Bugün en tepedeki yüzde 1, tüm küresel finansal varlıkların yüzde 43’üne sahip durumda. Orta Doğu’daki finansal zenginliğin yüzde 48’i, Asya’dakinin yüzde 50’si ve Avrupa’dakinin yüzde 47’sı onların elinde.

Türkiye’de ise en zengin 16 milyarderin serveti halkın en alt %50’lik kesiminin servetinden fazla. Halbuki dolar milyoneri ve milyarderlerine uygulanacak bir servet vergisi ile her yıl 12,5 milyar dolar gelir yaratılabilir. Bu gelirle sağlık bütçesi %47, eğitim bütçesi %54 ve sosyal harcamalar bütçesi %139 artırılabilir.
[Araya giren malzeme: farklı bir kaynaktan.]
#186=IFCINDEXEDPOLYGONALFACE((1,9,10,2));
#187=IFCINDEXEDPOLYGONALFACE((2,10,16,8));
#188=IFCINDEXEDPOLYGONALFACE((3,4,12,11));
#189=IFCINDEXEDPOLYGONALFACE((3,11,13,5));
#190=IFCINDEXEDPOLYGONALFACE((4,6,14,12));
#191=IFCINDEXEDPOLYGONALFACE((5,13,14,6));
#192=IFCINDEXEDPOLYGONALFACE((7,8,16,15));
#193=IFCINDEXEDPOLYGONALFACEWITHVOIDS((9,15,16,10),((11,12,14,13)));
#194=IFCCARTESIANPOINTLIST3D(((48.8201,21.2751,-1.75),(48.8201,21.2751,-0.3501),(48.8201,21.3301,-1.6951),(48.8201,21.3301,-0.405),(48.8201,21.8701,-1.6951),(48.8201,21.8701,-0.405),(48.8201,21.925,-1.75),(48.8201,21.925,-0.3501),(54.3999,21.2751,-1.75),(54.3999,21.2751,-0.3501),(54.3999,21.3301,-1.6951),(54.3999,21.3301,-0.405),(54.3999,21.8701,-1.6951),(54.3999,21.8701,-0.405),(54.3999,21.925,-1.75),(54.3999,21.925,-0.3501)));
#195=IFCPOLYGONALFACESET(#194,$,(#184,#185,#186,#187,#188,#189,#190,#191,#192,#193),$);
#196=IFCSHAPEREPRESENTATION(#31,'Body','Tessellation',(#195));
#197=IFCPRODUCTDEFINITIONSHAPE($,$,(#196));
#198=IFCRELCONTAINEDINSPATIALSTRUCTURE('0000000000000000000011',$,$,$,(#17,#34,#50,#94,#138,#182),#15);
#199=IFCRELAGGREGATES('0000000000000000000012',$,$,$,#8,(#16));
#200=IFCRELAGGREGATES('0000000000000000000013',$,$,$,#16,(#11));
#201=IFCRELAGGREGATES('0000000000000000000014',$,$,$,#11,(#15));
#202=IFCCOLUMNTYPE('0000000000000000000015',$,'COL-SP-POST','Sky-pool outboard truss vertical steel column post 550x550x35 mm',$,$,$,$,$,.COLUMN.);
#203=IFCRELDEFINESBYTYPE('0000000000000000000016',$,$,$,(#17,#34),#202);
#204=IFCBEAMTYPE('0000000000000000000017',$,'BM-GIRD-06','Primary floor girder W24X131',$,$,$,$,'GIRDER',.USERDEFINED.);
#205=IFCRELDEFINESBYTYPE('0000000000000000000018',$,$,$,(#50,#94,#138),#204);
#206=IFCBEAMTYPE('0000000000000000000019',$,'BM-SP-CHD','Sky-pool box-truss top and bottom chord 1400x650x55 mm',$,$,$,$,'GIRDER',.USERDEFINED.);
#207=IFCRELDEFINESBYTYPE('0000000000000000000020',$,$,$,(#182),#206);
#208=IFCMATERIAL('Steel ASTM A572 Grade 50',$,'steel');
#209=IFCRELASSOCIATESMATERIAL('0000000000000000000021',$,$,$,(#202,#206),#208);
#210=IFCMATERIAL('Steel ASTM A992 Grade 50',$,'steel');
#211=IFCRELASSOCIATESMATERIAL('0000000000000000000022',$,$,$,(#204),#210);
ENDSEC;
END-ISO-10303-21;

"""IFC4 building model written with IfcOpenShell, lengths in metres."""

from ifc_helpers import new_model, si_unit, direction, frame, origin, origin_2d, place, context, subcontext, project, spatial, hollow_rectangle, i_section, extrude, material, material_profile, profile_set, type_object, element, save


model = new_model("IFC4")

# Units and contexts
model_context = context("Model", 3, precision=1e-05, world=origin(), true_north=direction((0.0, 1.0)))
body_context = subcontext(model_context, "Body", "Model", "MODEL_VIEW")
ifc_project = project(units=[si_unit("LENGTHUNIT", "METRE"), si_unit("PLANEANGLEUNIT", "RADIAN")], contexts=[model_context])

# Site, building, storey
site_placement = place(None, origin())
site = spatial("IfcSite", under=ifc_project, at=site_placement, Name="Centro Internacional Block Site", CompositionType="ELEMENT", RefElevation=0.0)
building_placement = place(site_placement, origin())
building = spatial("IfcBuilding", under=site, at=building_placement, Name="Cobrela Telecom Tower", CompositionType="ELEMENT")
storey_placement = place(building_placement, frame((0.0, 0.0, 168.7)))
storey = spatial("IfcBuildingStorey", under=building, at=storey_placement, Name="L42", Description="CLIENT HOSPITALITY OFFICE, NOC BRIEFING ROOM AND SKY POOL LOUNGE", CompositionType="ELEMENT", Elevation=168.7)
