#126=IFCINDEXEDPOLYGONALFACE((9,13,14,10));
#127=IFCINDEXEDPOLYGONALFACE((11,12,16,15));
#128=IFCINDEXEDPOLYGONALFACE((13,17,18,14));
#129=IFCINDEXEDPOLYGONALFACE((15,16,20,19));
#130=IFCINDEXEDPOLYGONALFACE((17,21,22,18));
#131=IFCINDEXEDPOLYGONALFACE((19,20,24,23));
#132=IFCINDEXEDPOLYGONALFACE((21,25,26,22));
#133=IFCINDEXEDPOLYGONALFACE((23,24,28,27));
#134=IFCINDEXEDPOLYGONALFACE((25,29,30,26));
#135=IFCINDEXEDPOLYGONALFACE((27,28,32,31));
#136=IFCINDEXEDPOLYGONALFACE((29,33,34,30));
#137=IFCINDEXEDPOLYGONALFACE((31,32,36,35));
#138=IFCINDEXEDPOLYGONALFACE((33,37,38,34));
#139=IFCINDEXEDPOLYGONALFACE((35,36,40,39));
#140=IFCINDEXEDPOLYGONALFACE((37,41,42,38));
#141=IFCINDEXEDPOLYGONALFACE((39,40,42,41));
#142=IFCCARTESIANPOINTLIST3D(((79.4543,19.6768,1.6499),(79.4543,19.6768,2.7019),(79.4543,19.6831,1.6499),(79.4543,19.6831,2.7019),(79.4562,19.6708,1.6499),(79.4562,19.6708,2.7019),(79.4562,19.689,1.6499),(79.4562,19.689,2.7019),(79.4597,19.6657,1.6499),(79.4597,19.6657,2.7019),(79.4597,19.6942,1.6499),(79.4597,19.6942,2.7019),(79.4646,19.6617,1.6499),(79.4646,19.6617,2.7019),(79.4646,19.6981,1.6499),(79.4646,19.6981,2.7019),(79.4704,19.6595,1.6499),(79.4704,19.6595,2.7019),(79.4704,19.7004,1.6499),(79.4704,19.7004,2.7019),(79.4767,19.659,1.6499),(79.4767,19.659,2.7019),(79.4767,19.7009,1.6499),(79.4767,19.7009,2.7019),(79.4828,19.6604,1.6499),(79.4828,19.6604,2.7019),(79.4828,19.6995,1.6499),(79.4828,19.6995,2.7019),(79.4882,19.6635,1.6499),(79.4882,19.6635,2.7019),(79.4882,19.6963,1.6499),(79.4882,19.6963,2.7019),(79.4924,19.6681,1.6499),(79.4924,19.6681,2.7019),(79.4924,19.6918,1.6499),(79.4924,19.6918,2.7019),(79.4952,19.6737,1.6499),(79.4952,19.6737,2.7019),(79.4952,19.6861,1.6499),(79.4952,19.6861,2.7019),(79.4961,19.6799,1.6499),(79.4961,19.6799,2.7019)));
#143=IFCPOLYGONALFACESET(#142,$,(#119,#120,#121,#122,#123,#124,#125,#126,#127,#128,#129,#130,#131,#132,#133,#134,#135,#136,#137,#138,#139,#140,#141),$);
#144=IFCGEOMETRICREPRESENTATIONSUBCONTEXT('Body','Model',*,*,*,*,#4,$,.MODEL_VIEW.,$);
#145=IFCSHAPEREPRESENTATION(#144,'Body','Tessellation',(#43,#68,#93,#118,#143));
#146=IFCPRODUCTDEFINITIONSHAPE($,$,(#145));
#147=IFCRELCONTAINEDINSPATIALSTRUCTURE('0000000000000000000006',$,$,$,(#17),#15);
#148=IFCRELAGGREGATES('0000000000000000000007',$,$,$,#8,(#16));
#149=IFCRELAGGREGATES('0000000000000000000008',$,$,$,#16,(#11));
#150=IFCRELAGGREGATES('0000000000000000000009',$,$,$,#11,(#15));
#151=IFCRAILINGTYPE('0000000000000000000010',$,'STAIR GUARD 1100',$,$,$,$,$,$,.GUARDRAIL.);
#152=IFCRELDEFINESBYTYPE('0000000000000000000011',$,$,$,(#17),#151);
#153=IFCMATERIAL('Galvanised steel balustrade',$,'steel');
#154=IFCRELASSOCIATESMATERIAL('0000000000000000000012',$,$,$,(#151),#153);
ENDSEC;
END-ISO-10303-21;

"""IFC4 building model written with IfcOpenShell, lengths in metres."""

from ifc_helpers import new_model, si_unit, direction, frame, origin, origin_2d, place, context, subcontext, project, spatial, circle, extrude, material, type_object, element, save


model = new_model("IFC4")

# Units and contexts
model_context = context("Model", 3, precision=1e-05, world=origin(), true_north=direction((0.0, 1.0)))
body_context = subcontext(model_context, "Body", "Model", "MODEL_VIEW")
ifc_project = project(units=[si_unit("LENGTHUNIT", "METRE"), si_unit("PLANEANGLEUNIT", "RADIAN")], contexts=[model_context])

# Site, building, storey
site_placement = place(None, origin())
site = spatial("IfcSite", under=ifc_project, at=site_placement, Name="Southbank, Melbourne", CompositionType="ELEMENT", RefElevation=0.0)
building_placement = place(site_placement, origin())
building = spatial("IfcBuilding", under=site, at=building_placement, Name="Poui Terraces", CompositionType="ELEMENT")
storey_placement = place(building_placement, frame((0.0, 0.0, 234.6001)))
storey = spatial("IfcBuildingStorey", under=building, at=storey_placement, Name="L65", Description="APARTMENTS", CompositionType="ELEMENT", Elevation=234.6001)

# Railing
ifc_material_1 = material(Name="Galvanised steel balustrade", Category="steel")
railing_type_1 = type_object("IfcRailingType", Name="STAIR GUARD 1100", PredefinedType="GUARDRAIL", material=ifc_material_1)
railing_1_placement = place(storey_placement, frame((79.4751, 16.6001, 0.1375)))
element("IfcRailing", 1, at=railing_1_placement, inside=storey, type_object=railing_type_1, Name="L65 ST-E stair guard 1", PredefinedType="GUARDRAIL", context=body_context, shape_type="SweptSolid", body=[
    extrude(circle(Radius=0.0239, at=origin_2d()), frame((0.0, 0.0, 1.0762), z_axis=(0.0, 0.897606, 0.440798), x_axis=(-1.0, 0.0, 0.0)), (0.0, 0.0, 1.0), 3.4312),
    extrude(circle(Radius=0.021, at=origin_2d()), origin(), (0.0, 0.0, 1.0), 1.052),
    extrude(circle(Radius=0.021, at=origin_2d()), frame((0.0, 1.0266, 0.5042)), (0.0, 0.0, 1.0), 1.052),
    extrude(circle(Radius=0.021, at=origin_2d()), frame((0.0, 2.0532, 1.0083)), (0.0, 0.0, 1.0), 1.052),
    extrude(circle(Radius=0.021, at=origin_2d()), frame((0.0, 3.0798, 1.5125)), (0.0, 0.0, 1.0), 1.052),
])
Yoksulluğun Sona Ermesi İki Yüzyıl Sonra

Sıradan insanlar genellikle güvencesiz ve riskli işlerde çok düşük maaşlar karşılığında daha fazla ve daha uzun saatler çalışmaya devam ediyorlar. Yaklaşık 800 milyon işçinin ücretleri enflasyona yenik düştü ve işçiler son iki yılda 1,5 trilyon dolar kaybettiler. Sağlık sektöründe ve sosyal hizmetler sektöründe çalışan bir kadının en büyük 100 Fortune şirketindeki ortalama CEO’nun bir yılda kazandığı parayı kazanması için en az 1.200 yıl çalışması gerekiyor. Yoksulluk ise iki yüz sonra sona ereceği tahmin ediliyor.

Sonuç

Bu rapor, hepimizi ilgilendiren ve etkileyen bir sorunu göz ardı edemeyeceğimizi gösteriyor. Eşitsizlik, sadece yoksulların veya ezilenlerin değil, tüm insanlığın sorunudur. Eşitsizlik, bizi birbirimizden ayırır, bizi birbirimize karşı kışkırtır, bizi birbirimize düşman eder. Eşitsizlik, bizi insanlığımızdan uzaklaştırır.
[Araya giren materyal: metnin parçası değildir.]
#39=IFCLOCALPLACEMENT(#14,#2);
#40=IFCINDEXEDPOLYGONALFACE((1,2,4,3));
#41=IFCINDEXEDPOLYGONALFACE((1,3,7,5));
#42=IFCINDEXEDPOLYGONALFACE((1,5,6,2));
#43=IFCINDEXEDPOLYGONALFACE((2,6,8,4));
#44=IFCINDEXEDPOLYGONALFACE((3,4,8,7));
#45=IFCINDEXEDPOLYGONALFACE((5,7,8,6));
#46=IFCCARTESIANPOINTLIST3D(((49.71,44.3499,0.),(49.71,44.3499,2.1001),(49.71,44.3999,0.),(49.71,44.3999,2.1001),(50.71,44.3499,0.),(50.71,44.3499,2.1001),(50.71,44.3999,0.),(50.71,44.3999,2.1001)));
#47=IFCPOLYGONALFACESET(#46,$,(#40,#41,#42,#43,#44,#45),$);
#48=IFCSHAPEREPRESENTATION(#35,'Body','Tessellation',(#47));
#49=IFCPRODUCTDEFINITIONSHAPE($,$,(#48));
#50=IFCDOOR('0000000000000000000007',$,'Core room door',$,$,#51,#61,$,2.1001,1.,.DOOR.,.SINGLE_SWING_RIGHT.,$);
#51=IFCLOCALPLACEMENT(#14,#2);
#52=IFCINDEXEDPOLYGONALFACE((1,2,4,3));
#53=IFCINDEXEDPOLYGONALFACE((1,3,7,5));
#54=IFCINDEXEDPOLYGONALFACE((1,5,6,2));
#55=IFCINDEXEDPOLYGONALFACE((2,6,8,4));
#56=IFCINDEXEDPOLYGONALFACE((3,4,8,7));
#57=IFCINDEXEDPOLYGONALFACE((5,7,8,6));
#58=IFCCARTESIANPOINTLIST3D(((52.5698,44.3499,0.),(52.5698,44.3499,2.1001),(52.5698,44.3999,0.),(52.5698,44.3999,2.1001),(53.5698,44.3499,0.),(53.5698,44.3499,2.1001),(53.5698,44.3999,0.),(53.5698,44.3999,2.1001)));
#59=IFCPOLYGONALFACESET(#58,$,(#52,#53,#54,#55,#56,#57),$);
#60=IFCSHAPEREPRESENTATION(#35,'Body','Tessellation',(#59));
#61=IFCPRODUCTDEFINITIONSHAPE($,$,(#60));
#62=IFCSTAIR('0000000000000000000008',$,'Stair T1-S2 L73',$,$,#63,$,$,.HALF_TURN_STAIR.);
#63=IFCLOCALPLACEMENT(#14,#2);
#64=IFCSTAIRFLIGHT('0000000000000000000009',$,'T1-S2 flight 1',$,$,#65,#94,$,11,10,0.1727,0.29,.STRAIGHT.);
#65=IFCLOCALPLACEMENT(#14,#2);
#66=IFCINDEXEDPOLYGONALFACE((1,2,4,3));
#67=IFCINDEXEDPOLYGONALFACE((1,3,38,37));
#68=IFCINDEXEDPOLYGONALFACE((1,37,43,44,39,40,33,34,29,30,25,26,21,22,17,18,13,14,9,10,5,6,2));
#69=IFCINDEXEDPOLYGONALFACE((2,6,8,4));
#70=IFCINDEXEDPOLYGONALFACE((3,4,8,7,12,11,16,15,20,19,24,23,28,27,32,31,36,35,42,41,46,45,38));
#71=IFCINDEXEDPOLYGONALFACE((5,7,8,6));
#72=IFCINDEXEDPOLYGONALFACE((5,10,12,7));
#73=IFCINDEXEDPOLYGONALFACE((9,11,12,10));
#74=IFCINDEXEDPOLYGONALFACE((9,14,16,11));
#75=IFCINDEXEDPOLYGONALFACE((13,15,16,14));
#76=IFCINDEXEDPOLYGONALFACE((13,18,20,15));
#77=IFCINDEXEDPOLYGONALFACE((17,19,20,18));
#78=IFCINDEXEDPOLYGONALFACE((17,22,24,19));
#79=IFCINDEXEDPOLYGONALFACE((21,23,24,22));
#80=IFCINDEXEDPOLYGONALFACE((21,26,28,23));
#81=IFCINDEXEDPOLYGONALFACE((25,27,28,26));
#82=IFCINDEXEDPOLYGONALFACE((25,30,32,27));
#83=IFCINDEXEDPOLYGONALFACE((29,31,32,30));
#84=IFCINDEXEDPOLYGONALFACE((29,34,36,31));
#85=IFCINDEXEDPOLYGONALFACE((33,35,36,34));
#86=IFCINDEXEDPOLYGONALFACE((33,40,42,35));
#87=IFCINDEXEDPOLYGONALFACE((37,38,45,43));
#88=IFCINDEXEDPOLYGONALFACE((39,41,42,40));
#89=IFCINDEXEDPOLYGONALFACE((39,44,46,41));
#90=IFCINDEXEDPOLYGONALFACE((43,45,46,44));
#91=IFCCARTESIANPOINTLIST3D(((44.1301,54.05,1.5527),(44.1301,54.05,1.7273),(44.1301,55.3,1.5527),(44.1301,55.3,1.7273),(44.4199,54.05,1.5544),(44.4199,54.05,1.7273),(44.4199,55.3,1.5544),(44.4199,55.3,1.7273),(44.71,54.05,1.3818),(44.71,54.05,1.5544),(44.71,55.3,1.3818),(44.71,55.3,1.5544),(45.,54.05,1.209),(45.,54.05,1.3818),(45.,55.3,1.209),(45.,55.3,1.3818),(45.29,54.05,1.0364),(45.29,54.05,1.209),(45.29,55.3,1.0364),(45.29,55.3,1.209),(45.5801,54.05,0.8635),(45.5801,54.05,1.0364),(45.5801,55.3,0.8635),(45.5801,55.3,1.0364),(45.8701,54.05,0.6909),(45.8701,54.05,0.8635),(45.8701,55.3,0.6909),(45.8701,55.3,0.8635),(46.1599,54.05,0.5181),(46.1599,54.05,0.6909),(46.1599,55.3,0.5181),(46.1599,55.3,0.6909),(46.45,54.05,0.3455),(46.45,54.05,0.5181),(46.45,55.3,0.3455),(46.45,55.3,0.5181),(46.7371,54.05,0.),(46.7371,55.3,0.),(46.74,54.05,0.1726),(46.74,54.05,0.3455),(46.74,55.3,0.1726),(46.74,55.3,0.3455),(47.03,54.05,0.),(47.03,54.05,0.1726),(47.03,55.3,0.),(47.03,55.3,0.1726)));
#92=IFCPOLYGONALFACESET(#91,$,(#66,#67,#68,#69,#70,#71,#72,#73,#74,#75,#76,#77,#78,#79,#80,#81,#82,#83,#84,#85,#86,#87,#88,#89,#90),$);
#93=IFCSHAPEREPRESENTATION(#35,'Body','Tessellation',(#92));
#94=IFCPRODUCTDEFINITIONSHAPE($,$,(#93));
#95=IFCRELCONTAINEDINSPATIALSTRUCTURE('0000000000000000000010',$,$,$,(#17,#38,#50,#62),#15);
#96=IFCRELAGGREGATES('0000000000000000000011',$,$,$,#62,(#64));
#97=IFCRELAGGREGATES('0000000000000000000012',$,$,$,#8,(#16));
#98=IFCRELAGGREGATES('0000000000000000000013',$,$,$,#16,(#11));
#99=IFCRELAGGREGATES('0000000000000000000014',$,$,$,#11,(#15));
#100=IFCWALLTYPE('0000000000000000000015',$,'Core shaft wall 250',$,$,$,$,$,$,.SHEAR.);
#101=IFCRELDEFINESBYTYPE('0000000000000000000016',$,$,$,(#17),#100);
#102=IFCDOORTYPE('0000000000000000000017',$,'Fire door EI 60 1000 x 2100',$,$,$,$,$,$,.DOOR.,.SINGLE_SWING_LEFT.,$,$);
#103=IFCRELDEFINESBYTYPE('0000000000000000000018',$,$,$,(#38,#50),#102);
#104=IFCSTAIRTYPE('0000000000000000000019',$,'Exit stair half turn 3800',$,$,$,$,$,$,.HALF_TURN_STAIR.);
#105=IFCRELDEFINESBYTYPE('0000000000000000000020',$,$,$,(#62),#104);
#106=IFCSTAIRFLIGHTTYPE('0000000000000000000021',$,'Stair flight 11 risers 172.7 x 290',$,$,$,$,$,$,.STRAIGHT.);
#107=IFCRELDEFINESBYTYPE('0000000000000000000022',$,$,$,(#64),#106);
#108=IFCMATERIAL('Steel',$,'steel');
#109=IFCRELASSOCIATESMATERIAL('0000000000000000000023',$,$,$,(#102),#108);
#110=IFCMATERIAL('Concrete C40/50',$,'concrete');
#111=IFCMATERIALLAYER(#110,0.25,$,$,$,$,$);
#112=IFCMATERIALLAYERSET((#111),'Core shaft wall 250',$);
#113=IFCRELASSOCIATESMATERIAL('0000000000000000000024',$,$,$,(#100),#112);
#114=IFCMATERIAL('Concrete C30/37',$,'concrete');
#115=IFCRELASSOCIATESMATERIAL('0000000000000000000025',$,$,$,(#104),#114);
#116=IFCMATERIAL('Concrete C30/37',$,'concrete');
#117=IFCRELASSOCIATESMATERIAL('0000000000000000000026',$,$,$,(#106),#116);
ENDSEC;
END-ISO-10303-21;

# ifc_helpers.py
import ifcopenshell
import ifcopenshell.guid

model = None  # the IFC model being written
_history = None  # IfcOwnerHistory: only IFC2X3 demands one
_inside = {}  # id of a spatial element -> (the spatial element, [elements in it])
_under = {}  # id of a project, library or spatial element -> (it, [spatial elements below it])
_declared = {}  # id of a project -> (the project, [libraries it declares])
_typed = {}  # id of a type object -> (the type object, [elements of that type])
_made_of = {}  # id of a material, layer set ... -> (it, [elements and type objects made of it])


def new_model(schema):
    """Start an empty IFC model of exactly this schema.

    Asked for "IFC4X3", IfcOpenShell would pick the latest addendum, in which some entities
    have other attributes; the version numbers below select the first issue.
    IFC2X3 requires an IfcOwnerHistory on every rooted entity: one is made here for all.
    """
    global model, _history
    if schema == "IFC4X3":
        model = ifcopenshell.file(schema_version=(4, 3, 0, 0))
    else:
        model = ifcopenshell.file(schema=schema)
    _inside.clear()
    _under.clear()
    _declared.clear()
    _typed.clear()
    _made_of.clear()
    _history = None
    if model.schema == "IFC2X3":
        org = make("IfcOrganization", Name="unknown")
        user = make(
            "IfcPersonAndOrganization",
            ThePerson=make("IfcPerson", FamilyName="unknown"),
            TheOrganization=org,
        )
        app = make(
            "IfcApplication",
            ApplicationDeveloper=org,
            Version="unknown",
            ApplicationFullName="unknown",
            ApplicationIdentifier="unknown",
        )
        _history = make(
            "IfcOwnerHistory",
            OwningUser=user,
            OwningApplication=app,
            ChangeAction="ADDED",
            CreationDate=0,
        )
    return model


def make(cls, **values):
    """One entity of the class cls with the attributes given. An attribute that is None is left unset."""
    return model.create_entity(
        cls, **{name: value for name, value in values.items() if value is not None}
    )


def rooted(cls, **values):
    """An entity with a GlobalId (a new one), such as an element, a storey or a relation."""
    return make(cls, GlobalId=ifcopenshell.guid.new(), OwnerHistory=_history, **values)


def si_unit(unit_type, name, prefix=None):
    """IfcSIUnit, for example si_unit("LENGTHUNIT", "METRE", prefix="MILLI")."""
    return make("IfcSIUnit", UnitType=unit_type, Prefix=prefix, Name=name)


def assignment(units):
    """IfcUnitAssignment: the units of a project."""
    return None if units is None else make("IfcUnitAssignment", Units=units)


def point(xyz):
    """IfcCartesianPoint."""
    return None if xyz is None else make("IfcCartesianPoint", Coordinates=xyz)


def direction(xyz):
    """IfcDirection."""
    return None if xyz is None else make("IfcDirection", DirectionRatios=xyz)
Bu yüzden, eşitsizliğe karşı durmalıyız. Eşitsizliğe karşı çıkmak, sadece kendimiz için değil, gelecek nesiller için de sorumluluğumuzdur. Eşitsizliğe karşı koymak, sadece adalet için değil, barış için de gereklidir. Eşitsizliğe karşı gelmek, sadece haklarımız için değil, onurumuz için de zorunludur.

Eşitsizliğe karşı mücadele etmenin yolları çoktur. Eşitsizliğe karşı sesimizi duyurabilir, sosyal medyada, sokakta, mecliste, iş yerinde, okulda, evde eşitsizliği protesto edebilir, eşitlik talep edebiliriz. Eşitsizliğe karşı örgütlenebilir, dayanışma içinde olabilir, birlikte hareket edebilir, birlikte güçlenebiliriz.

Eşitsizliğe karşı mücadele etmek, bize daha iyi bir dünya sunar. Daha adil, daha demokratik, daha yeşil, daha mutlu, daha insanca bir dünya. Bu dünya, hayal değil, olasılıktır. Bu dünya, bizim elimizdedir. Bu dünya, bizim seçimimizdir.

Eşitsizlik ve adaletsizlikle mücadelede devletin daha etkin rol alması ve küresel iş dünyasının daha adil bir paylaşım için sorumluluk alması, dünya genelinde daha sürdürülebilir ve adil bir ekonomi için atılacak adımların önemli olduğunu vurguluyor, Eşitsizlik A.Ş., dünyanın en büyük şirketi olmaya devam edecek mi, yoksa biz onu iflas ettirecek miyiz? Bu sorunun cevabını bizde olduğunu biliyorum.